At times a bat colony might establish a roost where people do not want them and they have to be eradicated. Other times a roost can be destroyed by natural causes, such as a cave collapse from abundant rainfall. Bat condos are important because when a roost is destroyed, an entire colony of bats can be wiped out; this then has the potential to cause a loss of species. A bat condo provides a safe home away from predators, dedicated to protecting threatened bat species.
My project provides opportunity to increase park attendance as well as benefits the community through an educational kiosk I created discussing the importance of bat conservation. This kiosk was displayed for Earth Day 2011 at Homosassa Springs Wildlife State Park, and also used for interpretive discussions at Fort Cooper State Park.
I created an informative video about my project: http://youtu.be/y4tExMOK4zA and an article about my project appeared in our local paper: www.chronicleonline.com/content/eagle-scout-builds-bat-habit
Boys’ Life magazine featured me as a BL Headliner for winning the National Society of High School Scholars (NSHSS) 2011 Earth Day Project of the year in March 2012. I also won the 2012 Gulf Ridge Council Adams National Eagle Scout Service Project of the Year Award.
This project taught me, members of my troop, my classmates, and numerous others what it means to set a goal, work hard toward its completion, and leave a legacy. It required 836 hours of effort from thirty-three volunteers. The total cost of the project, which I raised in full, was $5,565.
My second and third projects were tied together. In order to keep fishing line from polluting our local lakes and coastal areas, I chose to establish 14 collection bins for ongoing recycling efforts in my tri-county area. Recycled line is used in other plastic products such as bins and spools. Monofilament is single-strand, high density, nylon fishing line that is used on fishing reels and in the manufacturing of fishing nets. Most is non-biodegradable and lasts hundreds of years.
Fisherman throwing their line on the ground or in the water rather than disposing it properly presents hazards of entanglement and ingestion for shore and sea animals, causing injury and even death. One example is a dead, sea turtle found with 560 feet of monofilament line in its gut.
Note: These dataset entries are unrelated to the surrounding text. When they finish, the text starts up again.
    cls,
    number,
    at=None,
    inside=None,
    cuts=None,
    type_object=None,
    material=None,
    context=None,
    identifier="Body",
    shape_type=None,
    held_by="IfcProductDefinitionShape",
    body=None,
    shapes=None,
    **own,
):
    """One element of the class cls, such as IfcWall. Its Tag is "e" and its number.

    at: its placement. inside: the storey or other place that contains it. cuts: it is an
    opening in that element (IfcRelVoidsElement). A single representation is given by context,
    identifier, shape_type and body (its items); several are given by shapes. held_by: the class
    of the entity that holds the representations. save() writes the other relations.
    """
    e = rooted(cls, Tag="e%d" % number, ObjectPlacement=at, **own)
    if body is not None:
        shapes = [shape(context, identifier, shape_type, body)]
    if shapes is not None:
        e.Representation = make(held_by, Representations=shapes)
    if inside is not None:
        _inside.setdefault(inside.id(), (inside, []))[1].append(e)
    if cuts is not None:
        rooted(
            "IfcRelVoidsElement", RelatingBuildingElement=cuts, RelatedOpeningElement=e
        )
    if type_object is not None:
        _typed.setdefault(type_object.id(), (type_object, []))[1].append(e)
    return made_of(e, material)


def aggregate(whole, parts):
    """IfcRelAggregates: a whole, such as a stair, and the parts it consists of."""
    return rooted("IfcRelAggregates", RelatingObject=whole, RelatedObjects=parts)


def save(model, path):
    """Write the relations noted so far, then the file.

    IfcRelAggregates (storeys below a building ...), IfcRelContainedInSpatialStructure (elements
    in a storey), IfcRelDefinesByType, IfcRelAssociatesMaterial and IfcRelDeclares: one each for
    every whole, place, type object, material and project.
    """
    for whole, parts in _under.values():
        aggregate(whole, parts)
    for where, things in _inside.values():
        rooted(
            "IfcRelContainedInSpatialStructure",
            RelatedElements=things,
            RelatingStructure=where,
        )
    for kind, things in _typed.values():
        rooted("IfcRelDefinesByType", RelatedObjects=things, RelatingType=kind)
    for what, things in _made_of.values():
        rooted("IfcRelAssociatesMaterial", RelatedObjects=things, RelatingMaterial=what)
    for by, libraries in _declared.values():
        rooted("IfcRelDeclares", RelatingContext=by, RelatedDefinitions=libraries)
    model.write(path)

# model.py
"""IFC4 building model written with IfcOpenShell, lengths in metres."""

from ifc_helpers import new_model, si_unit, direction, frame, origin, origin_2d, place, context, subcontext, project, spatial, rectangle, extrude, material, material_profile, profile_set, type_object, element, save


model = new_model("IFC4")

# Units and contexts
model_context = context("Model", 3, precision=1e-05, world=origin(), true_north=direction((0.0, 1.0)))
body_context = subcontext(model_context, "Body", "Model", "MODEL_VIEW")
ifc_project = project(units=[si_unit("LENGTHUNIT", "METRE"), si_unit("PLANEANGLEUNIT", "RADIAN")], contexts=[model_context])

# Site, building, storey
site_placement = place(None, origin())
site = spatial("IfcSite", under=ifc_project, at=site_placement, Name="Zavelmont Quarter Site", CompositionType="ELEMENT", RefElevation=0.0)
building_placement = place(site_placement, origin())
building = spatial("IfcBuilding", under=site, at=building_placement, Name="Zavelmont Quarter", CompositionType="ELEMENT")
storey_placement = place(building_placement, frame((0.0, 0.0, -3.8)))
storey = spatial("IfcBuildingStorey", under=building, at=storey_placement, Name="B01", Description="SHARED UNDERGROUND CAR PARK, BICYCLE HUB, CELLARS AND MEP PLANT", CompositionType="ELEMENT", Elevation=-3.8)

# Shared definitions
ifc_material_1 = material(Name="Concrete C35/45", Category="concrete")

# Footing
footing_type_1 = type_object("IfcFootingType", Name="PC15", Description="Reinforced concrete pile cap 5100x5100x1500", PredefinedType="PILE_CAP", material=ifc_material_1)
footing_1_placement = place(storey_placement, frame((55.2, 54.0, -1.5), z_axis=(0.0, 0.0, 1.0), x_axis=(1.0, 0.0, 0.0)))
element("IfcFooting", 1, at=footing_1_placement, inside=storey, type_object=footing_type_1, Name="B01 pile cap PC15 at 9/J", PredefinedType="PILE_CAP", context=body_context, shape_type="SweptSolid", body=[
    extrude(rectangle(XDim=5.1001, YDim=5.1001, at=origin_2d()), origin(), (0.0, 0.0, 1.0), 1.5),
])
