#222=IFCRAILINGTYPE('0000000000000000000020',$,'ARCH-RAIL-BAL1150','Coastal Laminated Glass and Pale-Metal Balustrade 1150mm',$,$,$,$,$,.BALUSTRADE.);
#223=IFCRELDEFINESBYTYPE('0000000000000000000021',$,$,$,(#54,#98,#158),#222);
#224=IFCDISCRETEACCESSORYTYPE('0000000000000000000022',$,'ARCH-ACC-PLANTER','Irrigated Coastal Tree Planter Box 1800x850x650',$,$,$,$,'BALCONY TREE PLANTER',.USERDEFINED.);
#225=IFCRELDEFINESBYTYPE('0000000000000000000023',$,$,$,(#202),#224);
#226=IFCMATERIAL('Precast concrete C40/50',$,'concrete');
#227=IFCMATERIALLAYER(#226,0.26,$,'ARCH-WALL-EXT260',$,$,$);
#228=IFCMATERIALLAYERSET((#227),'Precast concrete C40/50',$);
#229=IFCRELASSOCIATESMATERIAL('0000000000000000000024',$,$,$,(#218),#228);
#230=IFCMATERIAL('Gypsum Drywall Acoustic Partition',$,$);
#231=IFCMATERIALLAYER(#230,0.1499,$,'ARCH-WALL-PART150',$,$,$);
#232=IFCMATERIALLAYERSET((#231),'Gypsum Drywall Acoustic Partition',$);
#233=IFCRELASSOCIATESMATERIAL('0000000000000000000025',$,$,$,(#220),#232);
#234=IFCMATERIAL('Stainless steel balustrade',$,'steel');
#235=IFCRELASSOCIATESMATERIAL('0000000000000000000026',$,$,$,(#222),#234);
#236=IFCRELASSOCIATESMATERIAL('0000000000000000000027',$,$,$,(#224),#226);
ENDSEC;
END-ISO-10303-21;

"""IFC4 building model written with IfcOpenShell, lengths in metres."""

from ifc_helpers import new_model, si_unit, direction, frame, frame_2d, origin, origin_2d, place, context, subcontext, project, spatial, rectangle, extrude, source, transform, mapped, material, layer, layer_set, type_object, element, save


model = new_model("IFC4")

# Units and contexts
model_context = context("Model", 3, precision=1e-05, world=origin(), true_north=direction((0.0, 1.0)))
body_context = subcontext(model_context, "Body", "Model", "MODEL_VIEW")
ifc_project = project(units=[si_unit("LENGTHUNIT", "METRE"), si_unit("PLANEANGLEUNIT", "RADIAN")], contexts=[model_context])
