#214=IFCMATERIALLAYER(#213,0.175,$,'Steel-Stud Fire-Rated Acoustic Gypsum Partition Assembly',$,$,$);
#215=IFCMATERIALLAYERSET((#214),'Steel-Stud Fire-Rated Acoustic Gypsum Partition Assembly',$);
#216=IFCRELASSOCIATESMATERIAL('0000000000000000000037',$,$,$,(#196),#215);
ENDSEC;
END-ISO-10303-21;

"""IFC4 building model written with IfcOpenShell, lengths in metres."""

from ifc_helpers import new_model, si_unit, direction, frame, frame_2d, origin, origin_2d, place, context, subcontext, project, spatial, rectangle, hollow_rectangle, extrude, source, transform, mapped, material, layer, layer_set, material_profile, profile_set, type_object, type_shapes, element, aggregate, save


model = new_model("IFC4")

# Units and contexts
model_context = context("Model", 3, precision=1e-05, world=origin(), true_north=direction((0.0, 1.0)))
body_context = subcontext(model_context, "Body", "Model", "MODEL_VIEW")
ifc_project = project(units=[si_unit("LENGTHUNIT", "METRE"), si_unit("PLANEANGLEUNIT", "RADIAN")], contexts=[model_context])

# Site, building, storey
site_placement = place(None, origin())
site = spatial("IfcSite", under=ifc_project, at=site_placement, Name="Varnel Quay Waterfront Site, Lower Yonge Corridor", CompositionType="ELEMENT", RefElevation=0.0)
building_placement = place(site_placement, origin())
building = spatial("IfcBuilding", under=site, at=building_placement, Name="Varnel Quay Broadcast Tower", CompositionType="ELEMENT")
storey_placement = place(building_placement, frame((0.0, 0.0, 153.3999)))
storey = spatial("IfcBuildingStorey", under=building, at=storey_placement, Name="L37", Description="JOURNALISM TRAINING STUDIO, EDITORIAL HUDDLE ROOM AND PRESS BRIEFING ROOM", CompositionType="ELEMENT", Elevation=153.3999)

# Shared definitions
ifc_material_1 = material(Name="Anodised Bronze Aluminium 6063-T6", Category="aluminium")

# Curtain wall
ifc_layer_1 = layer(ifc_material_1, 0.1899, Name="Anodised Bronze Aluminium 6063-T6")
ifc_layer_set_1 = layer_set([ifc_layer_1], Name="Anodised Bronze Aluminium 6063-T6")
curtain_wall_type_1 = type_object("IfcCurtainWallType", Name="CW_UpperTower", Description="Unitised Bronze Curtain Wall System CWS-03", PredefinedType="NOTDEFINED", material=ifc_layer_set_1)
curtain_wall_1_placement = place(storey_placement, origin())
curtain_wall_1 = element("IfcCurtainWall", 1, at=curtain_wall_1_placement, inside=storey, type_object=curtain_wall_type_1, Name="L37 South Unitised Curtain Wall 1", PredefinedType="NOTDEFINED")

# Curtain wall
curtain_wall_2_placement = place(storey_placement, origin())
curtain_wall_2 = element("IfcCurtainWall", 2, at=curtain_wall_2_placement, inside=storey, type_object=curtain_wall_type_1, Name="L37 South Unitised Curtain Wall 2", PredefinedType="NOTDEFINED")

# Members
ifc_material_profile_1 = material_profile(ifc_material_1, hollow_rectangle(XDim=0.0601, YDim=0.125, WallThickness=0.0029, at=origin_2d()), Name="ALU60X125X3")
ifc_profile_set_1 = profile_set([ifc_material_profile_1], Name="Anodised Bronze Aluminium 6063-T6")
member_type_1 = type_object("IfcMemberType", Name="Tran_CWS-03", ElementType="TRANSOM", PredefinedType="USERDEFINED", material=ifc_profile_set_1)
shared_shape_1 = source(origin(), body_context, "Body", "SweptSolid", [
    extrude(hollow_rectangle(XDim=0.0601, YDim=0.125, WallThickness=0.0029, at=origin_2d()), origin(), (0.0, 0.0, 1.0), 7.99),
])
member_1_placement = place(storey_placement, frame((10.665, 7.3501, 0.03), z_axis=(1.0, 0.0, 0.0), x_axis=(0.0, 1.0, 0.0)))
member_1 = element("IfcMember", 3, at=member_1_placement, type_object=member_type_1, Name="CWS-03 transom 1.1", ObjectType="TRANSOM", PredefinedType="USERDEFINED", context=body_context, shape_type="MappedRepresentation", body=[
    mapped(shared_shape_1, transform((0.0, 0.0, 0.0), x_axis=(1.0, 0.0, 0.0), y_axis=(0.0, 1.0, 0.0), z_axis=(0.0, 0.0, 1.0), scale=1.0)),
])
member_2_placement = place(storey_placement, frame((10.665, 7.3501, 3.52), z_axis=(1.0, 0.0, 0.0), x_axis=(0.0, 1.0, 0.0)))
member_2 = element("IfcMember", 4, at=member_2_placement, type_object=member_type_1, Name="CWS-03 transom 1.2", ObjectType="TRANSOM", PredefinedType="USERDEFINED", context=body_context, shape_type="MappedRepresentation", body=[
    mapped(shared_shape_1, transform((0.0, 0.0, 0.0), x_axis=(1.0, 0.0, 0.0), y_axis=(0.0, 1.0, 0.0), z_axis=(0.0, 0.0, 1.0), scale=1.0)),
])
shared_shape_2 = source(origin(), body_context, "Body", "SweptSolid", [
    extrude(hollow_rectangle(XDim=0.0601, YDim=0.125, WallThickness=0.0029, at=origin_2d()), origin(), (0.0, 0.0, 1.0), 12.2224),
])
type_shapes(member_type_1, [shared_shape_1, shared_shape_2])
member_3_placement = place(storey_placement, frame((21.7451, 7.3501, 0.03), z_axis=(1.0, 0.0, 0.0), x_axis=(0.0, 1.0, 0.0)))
Recycling bins make it easier on people who pick up trash in an effort to keep the environment clean. They also keep line out of the landfill. Birds and other animals scavenge the landfill for nesting material and food, bringing it and its hazards back into the environment.
During the course of this project I raised support, and led a collection bin assembly. Individuals were found for each collection site that agreed to volunteer to monitor bins and empty them as needed, and a new indoor collection facility was established in east Citrus County. A map was created of the tri-county area making it easier for people to locate both indoor and outdoor collection bins and given to the state program coordinator.
After forty days, I led the first collection. Together with friends and family, this first collection yielded 1,417 yards of monofilament line or roughly 8/10th of a mile of line. I’ll be leading a second collection over Christmas break, tallying the 2012 gross and sending this year’s collected line in for resource recovery.
The collection from the outdoor bins I established amounts to over 10 miles of line per year. This benefits the environment in that the line is kept out of the waters, out of the landfills, away from animals, and recycled for another use.
I have given two formal presentations in an attempt to educate the public in my local area and I addressed 4,000+ at the NSHSS annual scholar’s day event. Individuals nationwide have heard about the importance of this program through my efforts. The most rewarding was notification that the Michigan DNR is looking into starting a program like mine.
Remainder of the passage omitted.